Lo scorso fine settimana, piccoli gruppi di possessori d’armi della California si sono organizzati per mettere in scena una protesta contro le presunte violazioni dei propri diritti, portando le loro armi in fondine bene in vista all’interno di locali pubblici. Molti stati si sono già dati da fare concretamente o lo stanno per fare a breve. In Arizona e Wyoming - due stati dell’Ovest, dove la questione del diritto a portare armi è fortemente sentita - sono in discussione una serie di leggi volte ad allargare le maglie delle regolamentazioni, tra cui una che consentirebbe ai possessori di portare con sé le proprie armi nascoste senza richiedere un permesso specifico alle autorità.

Montana e Tennessee, addirittura, per la prima volta negli Stati Uniti, nel 2009 hanno ratificato disposizioni che esentano i due stati dall’applicazione di leggi federali in materia di regolamentazione di armi e munizioni.
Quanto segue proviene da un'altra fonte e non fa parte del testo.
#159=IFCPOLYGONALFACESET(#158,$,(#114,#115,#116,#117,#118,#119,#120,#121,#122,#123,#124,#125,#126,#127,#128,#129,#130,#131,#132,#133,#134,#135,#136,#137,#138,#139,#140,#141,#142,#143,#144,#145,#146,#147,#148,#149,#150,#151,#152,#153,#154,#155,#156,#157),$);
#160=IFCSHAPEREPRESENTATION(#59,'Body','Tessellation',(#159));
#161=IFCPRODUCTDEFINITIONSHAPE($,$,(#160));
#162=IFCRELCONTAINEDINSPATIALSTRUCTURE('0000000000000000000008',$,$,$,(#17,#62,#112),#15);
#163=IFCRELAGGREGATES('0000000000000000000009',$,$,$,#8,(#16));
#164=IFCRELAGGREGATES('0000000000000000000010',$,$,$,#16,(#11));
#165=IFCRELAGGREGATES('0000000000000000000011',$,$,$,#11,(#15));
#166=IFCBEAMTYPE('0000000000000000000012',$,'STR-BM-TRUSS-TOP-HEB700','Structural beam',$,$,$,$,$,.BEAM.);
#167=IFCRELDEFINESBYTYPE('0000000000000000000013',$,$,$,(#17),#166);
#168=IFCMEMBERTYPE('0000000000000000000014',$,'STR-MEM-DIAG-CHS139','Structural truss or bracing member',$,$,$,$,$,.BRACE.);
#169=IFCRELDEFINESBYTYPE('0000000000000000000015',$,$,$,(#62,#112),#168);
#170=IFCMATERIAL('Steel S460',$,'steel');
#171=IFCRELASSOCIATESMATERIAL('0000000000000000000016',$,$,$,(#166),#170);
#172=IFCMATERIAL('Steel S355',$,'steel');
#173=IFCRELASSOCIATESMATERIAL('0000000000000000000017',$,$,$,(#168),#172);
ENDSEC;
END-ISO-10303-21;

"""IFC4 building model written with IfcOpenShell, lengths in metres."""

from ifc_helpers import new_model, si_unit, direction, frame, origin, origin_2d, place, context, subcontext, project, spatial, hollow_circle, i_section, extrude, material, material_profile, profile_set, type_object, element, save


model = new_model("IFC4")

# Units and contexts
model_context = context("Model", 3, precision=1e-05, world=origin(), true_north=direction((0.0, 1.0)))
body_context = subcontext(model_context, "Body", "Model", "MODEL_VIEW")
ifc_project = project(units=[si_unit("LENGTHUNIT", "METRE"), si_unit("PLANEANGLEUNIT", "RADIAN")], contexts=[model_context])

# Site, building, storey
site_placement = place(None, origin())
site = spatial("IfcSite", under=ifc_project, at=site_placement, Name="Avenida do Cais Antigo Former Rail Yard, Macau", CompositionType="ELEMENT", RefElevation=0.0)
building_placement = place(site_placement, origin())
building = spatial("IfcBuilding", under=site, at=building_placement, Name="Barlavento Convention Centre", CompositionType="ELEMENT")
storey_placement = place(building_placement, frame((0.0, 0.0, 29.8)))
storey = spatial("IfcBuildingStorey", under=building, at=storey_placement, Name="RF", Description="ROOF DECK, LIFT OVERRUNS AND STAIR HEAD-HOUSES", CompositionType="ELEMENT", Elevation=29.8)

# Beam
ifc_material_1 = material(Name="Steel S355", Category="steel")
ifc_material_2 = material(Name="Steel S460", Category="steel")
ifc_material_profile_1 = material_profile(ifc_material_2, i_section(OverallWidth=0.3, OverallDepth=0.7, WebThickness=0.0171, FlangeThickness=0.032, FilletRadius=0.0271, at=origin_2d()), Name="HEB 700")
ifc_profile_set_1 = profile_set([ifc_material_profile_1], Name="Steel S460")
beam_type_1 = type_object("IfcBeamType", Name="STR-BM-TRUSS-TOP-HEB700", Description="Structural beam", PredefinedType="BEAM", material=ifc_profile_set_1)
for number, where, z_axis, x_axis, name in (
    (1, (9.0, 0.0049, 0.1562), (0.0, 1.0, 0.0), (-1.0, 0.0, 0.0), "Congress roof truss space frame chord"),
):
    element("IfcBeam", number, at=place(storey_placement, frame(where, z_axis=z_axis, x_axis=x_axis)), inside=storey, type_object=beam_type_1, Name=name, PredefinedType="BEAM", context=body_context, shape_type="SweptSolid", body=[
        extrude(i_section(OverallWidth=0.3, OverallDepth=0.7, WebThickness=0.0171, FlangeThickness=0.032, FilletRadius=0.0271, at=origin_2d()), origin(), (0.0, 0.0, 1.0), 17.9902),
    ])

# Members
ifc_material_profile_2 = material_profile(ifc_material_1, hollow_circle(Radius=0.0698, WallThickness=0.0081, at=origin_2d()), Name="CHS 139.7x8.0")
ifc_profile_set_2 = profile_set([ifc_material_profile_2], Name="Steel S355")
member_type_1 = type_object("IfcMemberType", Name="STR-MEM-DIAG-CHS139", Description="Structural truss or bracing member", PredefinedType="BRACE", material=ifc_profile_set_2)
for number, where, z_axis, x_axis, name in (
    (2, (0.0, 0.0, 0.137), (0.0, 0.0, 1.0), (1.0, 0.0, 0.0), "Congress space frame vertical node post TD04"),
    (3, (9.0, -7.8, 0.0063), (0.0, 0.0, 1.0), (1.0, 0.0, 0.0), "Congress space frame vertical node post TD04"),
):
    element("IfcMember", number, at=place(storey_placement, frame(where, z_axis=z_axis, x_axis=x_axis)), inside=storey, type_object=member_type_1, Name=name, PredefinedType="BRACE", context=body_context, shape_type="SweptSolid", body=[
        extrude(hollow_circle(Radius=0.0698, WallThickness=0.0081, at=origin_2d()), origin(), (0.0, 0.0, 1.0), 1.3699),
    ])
Ancora, nell’Indiana, da gennaio di quest’anno le aziende private non saranno più in grado di impedire ai loro dipendenti di tenere armi da fuoco nelle loro automobili parcheggiate o in transito sui terreni di proprietà delle stesse compagnie.
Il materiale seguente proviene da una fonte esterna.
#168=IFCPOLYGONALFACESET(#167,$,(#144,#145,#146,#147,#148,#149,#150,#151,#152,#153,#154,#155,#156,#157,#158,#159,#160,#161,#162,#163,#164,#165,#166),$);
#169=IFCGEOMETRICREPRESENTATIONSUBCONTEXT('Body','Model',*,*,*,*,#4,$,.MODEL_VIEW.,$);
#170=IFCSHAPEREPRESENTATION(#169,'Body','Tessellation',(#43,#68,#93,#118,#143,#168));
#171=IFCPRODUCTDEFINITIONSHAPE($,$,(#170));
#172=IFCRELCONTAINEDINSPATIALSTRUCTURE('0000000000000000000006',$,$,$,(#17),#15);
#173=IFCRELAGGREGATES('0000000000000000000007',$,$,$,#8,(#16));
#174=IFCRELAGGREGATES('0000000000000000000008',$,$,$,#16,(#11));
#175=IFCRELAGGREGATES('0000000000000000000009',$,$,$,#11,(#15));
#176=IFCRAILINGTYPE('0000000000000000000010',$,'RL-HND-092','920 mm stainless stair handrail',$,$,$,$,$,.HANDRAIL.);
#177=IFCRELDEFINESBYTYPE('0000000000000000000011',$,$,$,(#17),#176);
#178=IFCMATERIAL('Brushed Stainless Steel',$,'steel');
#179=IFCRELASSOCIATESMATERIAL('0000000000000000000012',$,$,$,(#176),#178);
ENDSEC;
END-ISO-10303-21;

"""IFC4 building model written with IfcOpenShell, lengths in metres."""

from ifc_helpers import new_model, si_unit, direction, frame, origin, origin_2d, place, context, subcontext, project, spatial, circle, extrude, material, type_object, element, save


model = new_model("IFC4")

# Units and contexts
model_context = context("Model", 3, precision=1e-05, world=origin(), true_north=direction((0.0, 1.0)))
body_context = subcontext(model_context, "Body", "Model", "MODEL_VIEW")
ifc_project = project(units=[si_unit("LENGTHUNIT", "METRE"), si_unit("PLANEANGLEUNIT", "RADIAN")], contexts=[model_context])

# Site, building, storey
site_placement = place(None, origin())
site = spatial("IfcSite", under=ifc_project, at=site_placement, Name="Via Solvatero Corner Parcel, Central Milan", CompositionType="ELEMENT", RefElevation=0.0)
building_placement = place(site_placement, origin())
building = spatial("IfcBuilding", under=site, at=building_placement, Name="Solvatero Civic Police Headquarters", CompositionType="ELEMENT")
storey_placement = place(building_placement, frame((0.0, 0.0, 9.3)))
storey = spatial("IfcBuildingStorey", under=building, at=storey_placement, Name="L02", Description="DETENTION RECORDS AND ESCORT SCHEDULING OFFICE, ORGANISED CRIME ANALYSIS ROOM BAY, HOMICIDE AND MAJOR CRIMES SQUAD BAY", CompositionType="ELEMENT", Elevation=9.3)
Dalla Casa Bianca, intanto, alle critiche per il mancato rispetto delle promesse elettorali si risponde con le cifre. Secondo un portavoce del presidente, il numero degli episodi di criminalità nel 2009 sarebbe al livello più basso dagli anni Sessanta. Il presidente, poi, viene dipinto ora come un fervente sostenitore dell’interpretazione in senso individuale del diritto di portare armi stabilito dal Secondo Emendamento della Costituzione americana. Un voltafaccia puramente opportunistico, com’è evidente, dettato principalmente dalla necessità di non alienarsi i compagni di partito più moderati, ma anche l’opposizione repubblicana, in vista del passaggio di altre leggi di maggiore peso che figurano in cima all’agenda presidenziale.

Tra i piccoli successi di quanti chiedono maggiori restrizioni, vanno segnalate quanto meno le bocciature - sia pure tra molte resistenze - in una ventina di stati di altrettante proposte che intendevano permettere agli studenti di portare armi nascoste nei campus universitari. In New Jersey, inoltre, il Parlamento statale ha fissato il limite di vendita ad una sola arma da fuoco al mese. La tendenza generale, tuttavia, appare decisamente di segno opposto e ad essa potrebbe dare un’ulteriore spinta il prossimo pronunciamento della Corte Suprema nel caso “McDonald contro Chicago”, in discussione di fronte al tribunale costituzionale americano a partire da questa settimana.

Il caso in questione è la diretta conseguenza della storica sentenza emanata nel 2008 (“District of Columbia contro Heller”), nella quale si sanciva l’incostituzionalità di alcune norme restrittive fissate dal distretto federale di Washington. I nove membri della Corte saranno chiamati ora a stabilire se l’applicazione del Secondo Emendamento - interpretato due anni fa in senso individualistico - va estesa anche a livello statale e non può, di conseguenza, essere limitata all’enclave federale della capitale. Una nuova sentenza favorevole alla lobby delle armi rappresenterebbe un colpo mortale per le regolamentazioni al possesso e alla vendita che i consigli comunali di molte città americane hanno adottato negli ultimi decenni.